Aeneas was a Trojan prince and the first true Roman hero.
Parents: Anchises and Venus
Consort: Creusa, Dido and Lavinia
Children: Ascanius/Iulus

Escape from Troy
Aeneas was one of the few Trojans who was not killed or enslaved when Troy fell to the Greeks. Aeneas, after being commanded by the gods to flee, gathered a group of survivors, who then travelled to Italy and became the progenitors of the Romans. These included Aeneas’s trumpeter Misenus, his father Anchises, his friends Achates, Sergestus and Acmon, the healer Iapyx, the helmsman Palinurus, and his son Ascanius (also known as Iulus). He carried with him the Lares and Penates, the statues of the household gods of Troy, and brought them to Italy.
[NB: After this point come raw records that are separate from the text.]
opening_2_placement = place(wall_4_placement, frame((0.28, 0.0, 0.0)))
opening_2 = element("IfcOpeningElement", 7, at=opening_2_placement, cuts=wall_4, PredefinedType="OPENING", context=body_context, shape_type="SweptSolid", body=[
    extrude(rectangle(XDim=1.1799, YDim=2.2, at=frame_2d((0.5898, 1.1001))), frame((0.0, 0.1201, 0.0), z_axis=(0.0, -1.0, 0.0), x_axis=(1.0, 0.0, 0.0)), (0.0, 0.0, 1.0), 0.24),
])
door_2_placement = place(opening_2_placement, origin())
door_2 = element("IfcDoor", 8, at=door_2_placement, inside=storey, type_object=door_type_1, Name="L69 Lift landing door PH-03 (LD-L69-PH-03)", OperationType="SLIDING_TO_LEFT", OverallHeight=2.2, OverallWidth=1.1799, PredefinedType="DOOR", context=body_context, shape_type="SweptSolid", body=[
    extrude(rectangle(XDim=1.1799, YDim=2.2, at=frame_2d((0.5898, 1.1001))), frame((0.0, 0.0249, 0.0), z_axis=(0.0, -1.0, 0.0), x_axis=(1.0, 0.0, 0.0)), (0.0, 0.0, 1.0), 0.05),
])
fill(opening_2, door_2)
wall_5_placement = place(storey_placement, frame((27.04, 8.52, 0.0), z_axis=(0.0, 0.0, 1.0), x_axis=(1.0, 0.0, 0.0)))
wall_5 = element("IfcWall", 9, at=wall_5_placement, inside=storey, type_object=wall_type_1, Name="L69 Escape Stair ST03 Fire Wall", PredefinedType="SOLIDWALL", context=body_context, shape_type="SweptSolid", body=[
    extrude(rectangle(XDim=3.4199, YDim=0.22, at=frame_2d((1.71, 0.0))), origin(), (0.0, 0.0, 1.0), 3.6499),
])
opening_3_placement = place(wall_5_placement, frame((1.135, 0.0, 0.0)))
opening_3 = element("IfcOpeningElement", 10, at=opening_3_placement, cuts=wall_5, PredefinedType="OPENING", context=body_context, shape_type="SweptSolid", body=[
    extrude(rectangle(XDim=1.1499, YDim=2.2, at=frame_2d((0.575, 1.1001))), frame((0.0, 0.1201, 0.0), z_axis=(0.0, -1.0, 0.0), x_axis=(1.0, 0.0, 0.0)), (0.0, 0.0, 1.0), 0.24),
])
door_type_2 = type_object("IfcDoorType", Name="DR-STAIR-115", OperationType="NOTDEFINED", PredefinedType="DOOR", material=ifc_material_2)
Several attempts to find a new home failed; one such stop was on Sicily, where in Drepanum, on the island’s western coast, his father, Anchises, died peacefully.
Carthage
After a brief but fierce storm brought about by Juno, Aeneas and his fleet made landfall at Carthage after six years of wandering. Aeneas had a year-long affair with the Carthaginian queen Dido, who proposed that the Trojans settle in her land and that she and Aeneas reign jointly over their peoples. A marriage of sorts was arranged between Dido and Aeneas at the instigation of Juno, who was told that her favourite city would eventually be defeated by the Trojans’ descendants.However, the messenger god Mercury was sent by Jupiter and Venus to remind Aeneas of his journey and his purpose, compelling him to leave secretly. When Dido learned of this, she uttered a curse that would forever pit Carthage against Rome, an enmity that would culminate in the Punic Wars. She then committed suicide by stabbing herself with the same sword she gave Aeneas when they first met.

The Underworld
After leaving Carthage, the Trojans returned to Sicily, where Aeneas organised funeral games to honour his father, who had died a year before. The company travelled on and landed on the western coast of Italy. Aeneas descended into the Underworld, where he met Dido and his father, who showed him the future of his descendants and thus the history of Rome, including figures such as Julius Caesar and Augustus.
Italy
Latinus, king of the Latins, welcomed Aeneas’s army of exiled Trojans and let them reorganise their lives in Latium. His daughter Lavinia had been promised to Turnus, king of the Rutulians, but Latinus received a prophecy that Lavinia would be betrothed to one from another land, namely Aeneas. Latinus heeded the prophecy and Turnus consequently declared war on Aeneas at the urging of Juno, who was aligned with King Mezentius of the Etruscans and Queen Amata of the Latins. Aeneas’s forces prevailed. Turnus was killed and Aenas founded the city of Lavinium on the Latium coast in honour of his new wife.